How is that an acceptable release strategy?

And if Crowdstrike, a supposedly industry-leading giant is doing it this badly - how bad is it with the rest of the industry?

Perverse incentives

Based on grapevine and rumour mill (ie. things I can not attribute or verify), EDR vendors have contractual SLAs that bind them to a guaranteed 4-hour turnaround from "new threat detected" to "signature and prevention mechanism deployed to clients".

High pressure. Complex problems. Arbitrarily tight, unrealistic deadlines.

That is a recipe for cutting corners and bypassing checks. If running a pre-release check cycle takes 20 minutes and you're already running out of time, then sure, by all means, YOLO the release. If you breach the SLA, your clients are going to get hefty discounts and service credits - and your boss's boss will miss their annual bonus ladder.

What's the worst that could happen?

Regulatory capture

A lesser known misfeature of the security product vendor race is that once a vendor is big enough and well-known enough, their name gets "somehow" added to security questionnaire templates. These templates are used by various regulators, auditors, clients' vendor diligence/assurance teams, and insurers. Get big enough as a vendor, and you get added to a list of pre-approved/known-good providers, into a dropdown menu in spreadsheet, or a radio button menu in a web form.

These questionnaires are everywhewre. Every time you, as a party getting questioned, pick the sane option ("other"), you get to explain the reason for doing so to non-technical, non-security people. It is no wonder that for a company going through the same dance for the umpteenth time, someone high up in the chain will eventually decide that it's going to be easier to buy a solution from one of the listed vendors just to cut down on the time and headache.

A tacit moat is still a moat.

Disaster recovery through clicky-clicky

As bad as the security product vendors may be, they are not the only ones to drop the ball. This disaster took out more than eight million systems in a couple of hours. The companies impacted will take days, if not weeks, to recover in full.

In this day and age, system provisioning and recovery should be a solved problem. Frequently updated, well maintained golden images with well exercised, automated (re)install cycles should be table stakes.

They're not.

Instead we have overburdened IT admin teams who have to go around from machine to machine, clicking buttons in the right order, to get the basic functionality back.

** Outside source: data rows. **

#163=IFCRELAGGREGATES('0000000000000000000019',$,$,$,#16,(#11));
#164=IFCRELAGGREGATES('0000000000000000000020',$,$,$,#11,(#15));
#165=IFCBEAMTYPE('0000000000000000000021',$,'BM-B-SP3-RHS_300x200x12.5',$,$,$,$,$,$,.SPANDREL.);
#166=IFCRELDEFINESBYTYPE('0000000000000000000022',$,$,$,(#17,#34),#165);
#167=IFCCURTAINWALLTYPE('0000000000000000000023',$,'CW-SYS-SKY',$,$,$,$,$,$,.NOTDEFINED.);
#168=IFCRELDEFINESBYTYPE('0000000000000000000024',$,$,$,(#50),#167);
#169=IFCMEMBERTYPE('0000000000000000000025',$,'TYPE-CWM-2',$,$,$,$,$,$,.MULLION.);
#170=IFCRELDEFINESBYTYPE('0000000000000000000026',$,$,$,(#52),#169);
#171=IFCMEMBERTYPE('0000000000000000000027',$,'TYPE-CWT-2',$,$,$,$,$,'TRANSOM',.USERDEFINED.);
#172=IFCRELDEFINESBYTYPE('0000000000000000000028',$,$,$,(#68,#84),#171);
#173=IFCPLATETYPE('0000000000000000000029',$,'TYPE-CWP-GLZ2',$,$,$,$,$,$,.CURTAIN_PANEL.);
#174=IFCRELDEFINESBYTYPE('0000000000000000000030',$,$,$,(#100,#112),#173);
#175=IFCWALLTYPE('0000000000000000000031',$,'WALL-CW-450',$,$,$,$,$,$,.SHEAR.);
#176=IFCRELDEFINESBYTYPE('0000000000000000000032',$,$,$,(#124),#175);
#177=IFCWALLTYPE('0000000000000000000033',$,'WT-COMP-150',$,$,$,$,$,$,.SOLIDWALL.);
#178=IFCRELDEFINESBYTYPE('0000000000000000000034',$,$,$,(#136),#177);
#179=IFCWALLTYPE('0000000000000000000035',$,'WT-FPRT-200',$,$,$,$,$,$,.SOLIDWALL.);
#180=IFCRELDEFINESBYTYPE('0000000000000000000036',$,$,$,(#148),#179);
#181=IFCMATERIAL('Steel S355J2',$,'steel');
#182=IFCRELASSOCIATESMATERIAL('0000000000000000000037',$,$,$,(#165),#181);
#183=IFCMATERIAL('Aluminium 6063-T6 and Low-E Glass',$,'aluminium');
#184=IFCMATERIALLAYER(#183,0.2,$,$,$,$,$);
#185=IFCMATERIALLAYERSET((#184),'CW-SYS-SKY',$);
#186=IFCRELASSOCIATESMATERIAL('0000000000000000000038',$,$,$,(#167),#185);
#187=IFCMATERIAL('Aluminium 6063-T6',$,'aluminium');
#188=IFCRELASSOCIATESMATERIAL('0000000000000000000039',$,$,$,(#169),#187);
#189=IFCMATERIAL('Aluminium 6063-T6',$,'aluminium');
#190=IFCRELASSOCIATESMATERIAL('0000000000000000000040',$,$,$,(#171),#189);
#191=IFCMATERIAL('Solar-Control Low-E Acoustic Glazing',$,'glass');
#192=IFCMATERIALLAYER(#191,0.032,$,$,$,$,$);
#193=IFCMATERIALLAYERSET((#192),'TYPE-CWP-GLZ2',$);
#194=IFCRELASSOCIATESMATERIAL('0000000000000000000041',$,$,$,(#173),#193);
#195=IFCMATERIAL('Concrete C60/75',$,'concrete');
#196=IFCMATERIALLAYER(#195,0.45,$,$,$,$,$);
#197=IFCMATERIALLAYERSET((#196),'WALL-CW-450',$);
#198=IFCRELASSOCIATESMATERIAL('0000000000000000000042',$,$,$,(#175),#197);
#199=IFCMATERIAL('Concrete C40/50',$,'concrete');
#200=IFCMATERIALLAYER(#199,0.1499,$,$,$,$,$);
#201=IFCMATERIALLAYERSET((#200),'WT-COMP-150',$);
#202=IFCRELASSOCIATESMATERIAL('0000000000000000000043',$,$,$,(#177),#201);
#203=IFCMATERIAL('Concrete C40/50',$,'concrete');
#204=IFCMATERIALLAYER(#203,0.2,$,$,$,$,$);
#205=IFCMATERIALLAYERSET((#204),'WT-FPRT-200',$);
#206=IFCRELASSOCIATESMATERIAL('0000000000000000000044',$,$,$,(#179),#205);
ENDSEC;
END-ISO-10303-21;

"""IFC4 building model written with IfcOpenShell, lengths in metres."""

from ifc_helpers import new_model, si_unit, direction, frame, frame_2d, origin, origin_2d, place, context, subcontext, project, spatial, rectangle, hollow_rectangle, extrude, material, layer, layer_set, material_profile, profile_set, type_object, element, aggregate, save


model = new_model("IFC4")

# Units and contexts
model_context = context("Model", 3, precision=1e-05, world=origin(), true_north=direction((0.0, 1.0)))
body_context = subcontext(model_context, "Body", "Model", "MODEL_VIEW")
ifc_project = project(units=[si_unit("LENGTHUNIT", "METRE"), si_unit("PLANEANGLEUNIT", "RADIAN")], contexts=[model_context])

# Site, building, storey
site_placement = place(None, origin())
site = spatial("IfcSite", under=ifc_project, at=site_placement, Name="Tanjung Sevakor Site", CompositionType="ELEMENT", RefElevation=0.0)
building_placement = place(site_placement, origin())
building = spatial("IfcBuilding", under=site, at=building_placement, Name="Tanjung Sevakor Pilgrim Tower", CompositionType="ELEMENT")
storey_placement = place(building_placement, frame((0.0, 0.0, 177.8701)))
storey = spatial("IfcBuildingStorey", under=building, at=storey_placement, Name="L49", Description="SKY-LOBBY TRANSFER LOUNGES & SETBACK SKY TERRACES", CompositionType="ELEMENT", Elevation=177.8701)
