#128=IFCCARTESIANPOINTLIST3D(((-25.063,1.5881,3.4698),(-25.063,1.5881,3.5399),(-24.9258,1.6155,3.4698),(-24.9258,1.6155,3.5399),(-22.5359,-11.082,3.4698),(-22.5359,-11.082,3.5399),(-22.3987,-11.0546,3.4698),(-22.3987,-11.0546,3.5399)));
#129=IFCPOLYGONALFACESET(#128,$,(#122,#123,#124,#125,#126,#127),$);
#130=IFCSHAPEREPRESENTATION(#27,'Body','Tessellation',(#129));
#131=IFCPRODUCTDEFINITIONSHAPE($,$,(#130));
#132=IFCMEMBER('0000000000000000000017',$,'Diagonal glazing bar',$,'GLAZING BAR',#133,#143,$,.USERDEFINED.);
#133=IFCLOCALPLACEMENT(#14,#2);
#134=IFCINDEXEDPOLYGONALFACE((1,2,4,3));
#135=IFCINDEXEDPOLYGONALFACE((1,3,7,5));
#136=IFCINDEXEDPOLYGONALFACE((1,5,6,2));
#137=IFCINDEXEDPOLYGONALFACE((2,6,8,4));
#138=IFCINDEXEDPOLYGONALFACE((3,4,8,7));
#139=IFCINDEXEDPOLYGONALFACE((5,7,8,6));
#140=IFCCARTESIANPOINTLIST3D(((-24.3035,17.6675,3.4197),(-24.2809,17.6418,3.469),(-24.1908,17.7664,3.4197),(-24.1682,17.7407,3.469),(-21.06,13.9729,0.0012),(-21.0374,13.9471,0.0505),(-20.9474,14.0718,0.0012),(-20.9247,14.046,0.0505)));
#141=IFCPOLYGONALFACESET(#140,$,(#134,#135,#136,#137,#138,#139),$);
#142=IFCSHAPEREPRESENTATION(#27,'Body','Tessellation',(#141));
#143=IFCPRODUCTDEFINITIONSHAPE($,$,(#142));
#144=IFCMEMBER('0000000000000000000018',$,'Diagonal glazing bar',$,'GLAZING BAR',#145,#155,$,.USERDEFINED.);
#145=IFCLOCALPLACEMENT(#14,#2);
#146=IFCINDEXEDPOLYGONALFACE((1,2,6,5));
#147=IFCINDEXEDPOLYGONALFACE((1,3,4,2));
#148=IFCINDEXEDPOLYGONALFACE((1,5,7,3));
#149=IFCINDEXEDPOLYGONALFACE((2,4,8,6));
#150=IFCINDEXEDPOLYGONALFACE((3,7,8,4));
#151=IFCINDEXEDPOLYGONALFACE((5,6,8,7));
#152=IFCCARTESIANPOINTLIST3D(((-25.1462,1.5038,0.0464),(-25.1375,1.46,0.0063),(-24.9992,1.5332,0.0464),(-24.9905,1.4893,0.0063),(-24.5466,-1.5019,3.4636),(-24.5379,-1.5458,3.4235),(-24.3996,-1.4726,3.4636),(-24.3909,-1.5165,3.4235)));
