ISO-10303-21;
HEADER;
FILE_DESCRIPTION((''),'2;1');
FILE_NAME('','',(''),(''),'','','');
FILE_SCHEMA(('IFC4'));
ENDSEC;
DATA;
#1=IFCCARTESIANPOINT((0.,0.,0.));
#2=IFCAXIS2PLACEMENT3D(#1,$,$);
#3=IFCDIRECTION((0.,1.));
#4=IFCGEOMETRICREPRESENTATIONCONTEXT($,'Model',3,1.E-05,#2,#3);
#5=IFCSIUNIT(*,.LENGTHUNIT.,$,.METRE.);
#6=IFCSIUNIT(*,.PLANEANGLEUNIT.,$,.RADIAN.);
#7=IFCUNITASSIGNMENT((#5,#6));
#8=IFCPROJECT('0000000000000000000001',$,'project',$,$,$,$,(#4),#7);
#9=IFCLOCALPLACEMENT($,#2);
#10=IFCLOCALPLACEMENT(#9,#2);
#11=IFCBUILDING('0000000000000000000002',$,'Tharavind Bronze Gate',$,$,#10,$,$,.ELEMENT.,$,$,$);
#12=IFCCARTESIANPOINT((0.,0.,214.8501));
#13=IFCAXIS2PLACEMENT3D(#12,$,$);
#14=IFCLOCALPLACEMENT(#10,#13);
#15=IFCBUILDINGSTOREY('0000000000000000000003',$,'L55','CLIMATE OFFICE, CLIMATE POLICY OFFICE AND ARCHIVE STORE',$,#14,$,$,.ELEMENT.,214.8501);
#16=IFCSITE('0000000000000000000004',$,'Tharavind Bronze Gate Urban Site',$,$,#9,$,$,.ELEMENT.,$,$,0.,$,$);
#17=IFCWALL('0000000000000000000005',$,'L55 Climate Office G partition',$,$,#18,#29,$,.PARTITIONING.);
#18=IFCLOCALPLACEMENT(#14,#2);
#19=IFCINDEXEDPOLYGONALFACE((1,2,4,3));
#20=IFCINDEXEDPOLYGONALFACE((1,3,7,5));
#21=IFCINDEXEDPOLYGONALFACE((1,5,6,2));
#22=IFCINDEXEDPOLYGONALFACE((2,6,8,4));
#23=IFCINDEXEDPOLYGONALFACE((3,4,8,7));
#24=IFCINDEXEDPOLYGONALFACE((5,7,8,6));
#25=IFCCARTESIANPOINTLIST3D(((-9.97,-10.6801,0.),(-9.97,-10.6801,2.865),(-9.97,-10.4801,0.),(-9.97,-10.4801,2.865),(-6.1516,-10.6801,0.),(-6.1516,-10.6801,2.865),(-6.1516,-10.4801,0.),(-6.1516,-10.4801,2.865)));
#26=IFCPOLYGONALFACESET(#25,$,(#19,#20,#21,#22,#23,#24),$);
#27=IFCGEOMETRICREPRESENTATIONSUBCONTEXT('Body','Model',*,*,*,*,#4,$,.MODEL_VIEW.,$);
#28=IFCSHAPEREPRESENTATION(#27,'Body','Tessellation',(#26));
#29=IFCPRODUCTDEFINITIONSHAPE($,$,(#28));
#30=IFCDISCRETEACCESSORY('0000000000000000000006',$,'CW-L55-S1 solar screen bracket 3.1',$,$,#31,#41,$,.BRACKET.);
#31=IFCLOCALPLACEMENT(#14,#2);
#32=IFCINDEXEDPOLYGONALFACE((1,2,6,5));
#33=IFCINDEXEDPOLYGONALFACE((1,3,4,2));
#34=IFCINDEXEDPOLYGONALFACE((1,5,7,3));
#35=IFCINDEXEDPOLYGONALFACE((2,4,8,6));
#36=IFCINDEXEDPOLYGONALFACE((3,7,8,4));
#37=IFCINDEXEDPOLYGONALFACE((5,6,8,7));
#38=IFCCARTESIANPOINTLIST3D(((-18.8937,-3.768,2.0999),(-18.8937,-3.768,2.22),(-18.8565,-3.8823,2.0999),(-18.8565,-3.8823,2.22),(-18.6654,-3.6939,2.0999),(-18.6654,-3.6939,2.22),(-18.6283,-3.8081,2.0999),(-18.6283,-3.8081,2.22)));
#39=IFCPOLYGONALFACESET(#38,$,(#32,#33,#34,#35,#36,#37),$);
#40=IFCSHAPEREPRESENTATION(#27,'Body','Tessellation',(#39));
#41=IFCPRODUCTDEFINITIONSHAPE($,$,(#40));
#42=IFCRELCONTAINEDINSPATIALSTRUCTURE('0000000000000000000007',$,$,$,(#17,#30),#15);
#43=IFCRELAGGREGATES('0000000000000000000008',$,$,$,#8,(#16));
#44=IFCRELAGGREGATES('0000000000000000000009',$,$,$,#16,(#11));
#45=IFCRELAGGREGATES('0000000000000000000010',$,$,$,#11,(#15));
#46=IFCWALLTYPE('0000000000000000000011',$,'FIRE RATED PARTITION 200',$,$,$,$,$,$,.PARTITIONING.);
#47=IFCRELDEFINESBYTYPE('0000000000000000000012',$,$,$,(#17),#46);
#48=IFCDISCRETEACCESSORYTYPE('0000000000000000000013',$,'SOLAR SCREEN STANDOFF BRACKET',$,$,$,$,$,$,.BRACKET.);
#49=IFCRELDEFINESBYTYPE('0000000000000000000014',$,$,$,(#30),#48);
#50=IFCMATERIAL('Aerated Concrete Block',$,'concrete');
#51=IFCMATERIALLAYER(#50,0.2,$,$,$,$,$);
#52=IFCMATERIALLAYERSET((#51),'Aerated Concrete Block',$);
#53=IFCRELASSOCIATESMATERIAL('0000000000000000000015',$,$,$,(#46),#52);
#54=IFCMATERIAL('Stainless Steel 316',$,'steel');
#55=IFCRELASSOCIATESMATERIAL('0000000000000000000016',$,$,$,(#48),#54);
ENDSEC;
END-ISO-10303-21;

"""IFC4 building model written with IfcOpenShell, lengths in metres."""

from ifc_helpers import new_model, si_unit, direction, frame, frame_2d, origin, origin_2d, place, context, subcontext, project, spatial, rectangle, extrude, material, layer, layer_set, type_object, element, save


model = new_model("IFC4")

# Units and contexts
model_context = context("Model", 3, precision=1e-05, world=origin(), true_north=direction((0.0, 1.0)))
body_context = subcontext(model_context, "Body", "Model", "MODEL_VIEW")
ifc_project = project(units=[si_unit("LENGTHUNIT", "METRE"), si_unit("PLANEANGLEUNIT", "RADIAN")], contexts=[model_context])

# Site, building, storey
site_placement = place(None, origin())
site = spatial("IfcSite", under=ifc_project, at=site_placement, Name="Tharavind Bronze Gate Urban Site", CompositionType="ELEMENT", RefElevation=0.0)
building_placement = place(site_placement, origin())
building = spatial("IfcBuilding", under=site, at=building_placement, Name="Tharavind Bronze Gate", CompositionType="ELEMENT")
storey_placement = place(building_placement, frame((0.0, 0.0, 214.8501)))
storey = spatial("IfcBuildingStorey", under=building, at=storey_placement, Name="L55", Description="CLIMATE OFFICE, CLIMATE POLICY OFFICE AND ARCHIVE STORE", CompositionType="ELEMENT", Elevation=214.8501)

# Shared definitions
ifc_material_1 = material(Name="Aerated Concrete Block", Category="concrete")
ifc_layer_1 = layer(ifc_material_1, 0.2)
ifc_layer_set_1 = layer_set([ifc_layer_1], Name="Aerated Concrete Block")
wall_type = type_object("IfcWallType", Name="FIRE RATED PARTITION 200", PredefinedType="PARTITIONING", material=ifc_layer_set_1)

# Wall
wall_1_placement = place(storey_placement, frame((-9.97, -10.5801, 0.0), z_axis=(0.0, 0.0, 1.0), x_axis=(1.0, 0.0, 0.0)))
element("IfcWall", 1, at=wall_1_placement, inside=storey, type_object=wall_type, Name="L55 Climate Office G partition", PredefinedType="PARTITIONING", context=body_context, shape_type="SweptSolid", body=[
    extrude(rectangle(XDim=3.8184, YDim=0.2, at=frame_2d((1.9092, 0.0))), origin(), (0.0, 0.0, 1.0), 2.865),
])

# Discrete accessory
ifc_material_2 = material(Name="Stainless Steel 316", Category="steel")
discrete_accessory_type = type_object("IfcDiscreteAccessoryType", Name="SOLAR SCREEN STANDOFF BRACKET", PredefinedType="BRACKET", material=ifc_material_2)
discrete_accessory_placement = place(storey_placement, frame((-18.761, -3.7881, 2.0999), z_axis=(0.0, 0.0, 1.0), x_axis=(0.309017, -0.951057, 0.0)))
element("IfcDiscreteAccessory", 2, at=discrete_accessory_placement, inside=storey, type_object=discrete_accessory_type, Name="CW-L55-S1 solar screen bracket 3.1", PredefinedType="BRACKET", context=body_context, shape_type="SweptSolid", body=[
    extrude(rectangle(XDim=0.1201, YDim=0.24, at=origin_2d()), origin(), (0.0, 0.0, 1.0), 0.1201),
])

save(model, "model.ifc")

Our industries are running fleets of machines that are capable of doing the same thing over and over again, blazingly fast, never getting tired. We supposedly thrive on automation. And yet the actual maintenance of these same machines is done without taking advantage of the same automation capabilities. Instead of routinely used scripts taking care of the mundane activities, we depend on runbooks with screenshots to explain which button to click at any given step in the sequence.

The outro

A global outage thanks to security vendor failure was not an accident. It was an inevitability.

And we're going to see it happen again.